Teens at Fig & Olive are learning the ropes of restaurant work: How to hostess, set tables, wait tables and cook.

But the lessons go much further.

"To choose simple ingredients, they learn about nutrition. They are going to learn teamwork," said Laurent Halasz, owner of Fig & Olive restaurant.

Halasz also created the Farm & Kitchen Foundation, to help kids who might need an extra opportunity or incentive to succeed.

He was approached by LAPD Officer Glenda Brooks about helping kids in Hollenbeck.

"Hollenbeck is 14 square miles and within those 14 square miles we have 39 gangs," Brooks said. "So giving these children the opportunity means the world to them."

Halasz told Brooks: "I'd like to invite 15 to 20 of your kids to come in. I'll teach them how to cook, we'll take them out to the farm, they'll pick the food, we'll bring them back. They'll cook the food and we'll teach them healthy eating and will also teach them the restaurant business so that when they go to college they can be a waiter or waitress," said Brooks.

The Farm and Kitchen Foundation is much more than just food and food service. Considering where these kids come from, they want them to experience all kind of opportunities in life.
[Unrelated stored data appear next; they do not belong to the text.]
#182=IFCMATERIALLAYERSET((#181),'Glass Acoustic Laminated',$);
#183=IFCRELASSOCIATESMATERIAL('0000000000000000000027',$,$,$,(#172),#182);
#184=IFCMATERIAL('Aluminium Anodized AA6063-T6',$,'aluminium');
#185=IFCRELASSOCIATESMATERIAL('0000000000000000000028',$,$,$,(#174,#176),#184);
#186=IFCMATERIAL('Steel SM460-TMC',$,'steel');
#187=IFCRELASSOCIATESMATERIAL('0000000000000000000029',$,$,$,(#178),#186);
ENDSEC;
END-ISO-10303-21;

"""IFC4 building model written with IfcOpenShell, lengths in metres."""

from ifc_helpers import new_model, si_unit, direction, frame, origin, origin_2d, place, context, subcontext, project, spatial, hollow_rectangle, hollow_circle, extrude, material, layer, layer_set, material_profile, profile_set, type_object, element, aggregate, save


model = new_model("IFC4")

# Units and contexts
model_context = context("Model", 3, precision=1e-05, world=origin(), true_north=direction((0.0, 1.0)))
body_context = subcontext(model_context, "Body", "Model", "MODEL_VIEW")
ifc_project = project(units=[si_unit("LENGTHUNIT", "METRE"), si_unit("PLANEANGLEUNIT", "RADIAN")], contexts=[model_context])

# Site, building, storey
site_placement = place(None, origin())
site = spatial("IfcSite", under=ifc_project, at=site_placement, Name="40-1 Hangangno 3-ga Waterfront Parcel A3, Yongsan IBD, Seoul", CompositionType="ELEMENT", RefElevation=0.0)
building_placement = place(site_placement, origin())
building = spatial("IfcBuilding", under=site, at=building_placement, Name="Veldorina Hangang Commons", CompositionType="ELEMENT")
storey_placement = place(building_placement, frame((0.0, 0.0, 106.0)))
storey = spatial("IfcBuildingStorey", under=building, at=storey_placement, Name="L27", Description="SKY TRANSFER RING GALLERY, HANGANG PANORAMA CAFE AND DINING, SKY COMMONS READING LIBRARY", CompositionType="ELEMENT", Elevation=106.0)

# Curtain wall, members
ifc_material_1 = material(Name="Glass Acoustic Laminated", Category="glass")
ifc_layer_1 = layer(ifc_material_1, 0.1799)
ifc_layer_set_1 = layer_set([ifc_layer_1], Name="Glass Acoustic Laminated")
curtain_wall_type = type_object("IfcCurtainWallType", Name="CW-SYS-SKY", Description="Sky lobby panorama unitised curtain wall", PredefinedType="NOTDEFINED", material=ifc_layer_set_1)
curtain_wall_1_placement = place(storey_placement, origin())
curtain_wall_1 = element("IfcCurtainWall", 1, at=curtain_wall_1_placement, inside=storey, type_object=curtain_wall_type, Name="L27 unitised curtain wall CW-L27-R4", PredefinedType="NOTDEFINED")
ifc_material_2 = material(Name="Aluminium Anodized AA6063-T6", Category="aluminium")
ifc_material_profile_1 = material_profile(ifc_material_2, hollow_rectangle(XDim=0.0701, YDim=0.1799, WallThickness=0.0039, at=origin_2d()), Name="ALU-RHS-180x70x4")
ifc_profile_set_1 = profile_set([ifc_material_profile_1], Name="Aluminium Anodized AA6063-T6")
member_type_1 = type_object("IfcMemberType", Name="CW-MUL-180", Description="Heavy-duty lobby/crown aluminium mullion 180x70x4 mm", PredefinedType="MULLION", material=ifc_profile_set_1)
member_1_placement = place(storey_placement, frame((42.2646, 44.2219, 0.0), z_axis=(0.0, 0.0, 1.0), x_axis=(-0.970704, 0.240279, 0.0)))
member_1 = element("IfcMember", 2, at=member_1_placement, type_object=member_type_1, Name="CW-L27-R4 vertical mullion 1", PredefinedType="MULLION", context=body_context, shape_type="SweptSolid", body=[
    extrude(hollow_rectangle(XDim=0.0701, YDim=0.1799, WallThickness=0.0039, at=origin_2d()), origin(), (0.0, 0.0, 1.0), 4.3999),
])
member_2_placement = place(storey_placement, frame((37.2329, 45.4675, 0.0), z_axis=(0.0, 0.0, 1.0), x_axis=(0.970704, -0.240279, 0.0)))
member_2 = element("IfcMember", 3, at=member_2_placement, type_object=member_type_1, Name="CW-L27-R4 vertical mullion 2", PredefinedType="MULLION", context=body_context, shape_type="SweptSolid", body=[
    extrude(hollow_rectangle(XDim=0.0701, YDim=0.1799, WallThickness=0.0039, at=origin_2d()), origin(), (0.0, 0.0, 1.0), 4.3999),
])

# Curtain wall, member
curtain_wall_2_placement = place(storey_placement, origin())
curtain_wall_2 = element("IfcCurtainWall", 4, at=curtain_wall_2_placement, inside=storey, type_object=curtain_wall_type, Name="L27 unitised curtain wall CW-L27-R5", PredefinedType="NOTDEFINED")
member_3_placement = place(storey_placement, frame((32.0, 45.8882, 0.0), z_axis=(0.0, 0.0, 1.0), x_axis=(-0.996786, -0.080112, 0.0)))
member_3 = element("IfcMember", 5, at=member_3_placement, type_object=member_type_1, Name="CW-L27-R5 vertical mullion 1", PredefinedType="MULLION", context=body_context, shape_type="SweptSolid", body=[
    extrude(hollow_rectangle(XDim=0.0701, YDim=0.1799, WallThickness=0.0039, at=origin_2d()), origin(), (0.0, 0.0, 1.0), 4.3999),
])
"They also teach you financial aid, about your future, what to do, what to expect in college," said J.C. Cordoba of Boyle Heights.

The technical skills are important. There's also yoga, fishing and Catalina trips.

Diana Vasquez, who wants to be a chef, likes the program for the socialization.

"Being involved with other people made me be less shy," said Vasquez of Boyle Heights.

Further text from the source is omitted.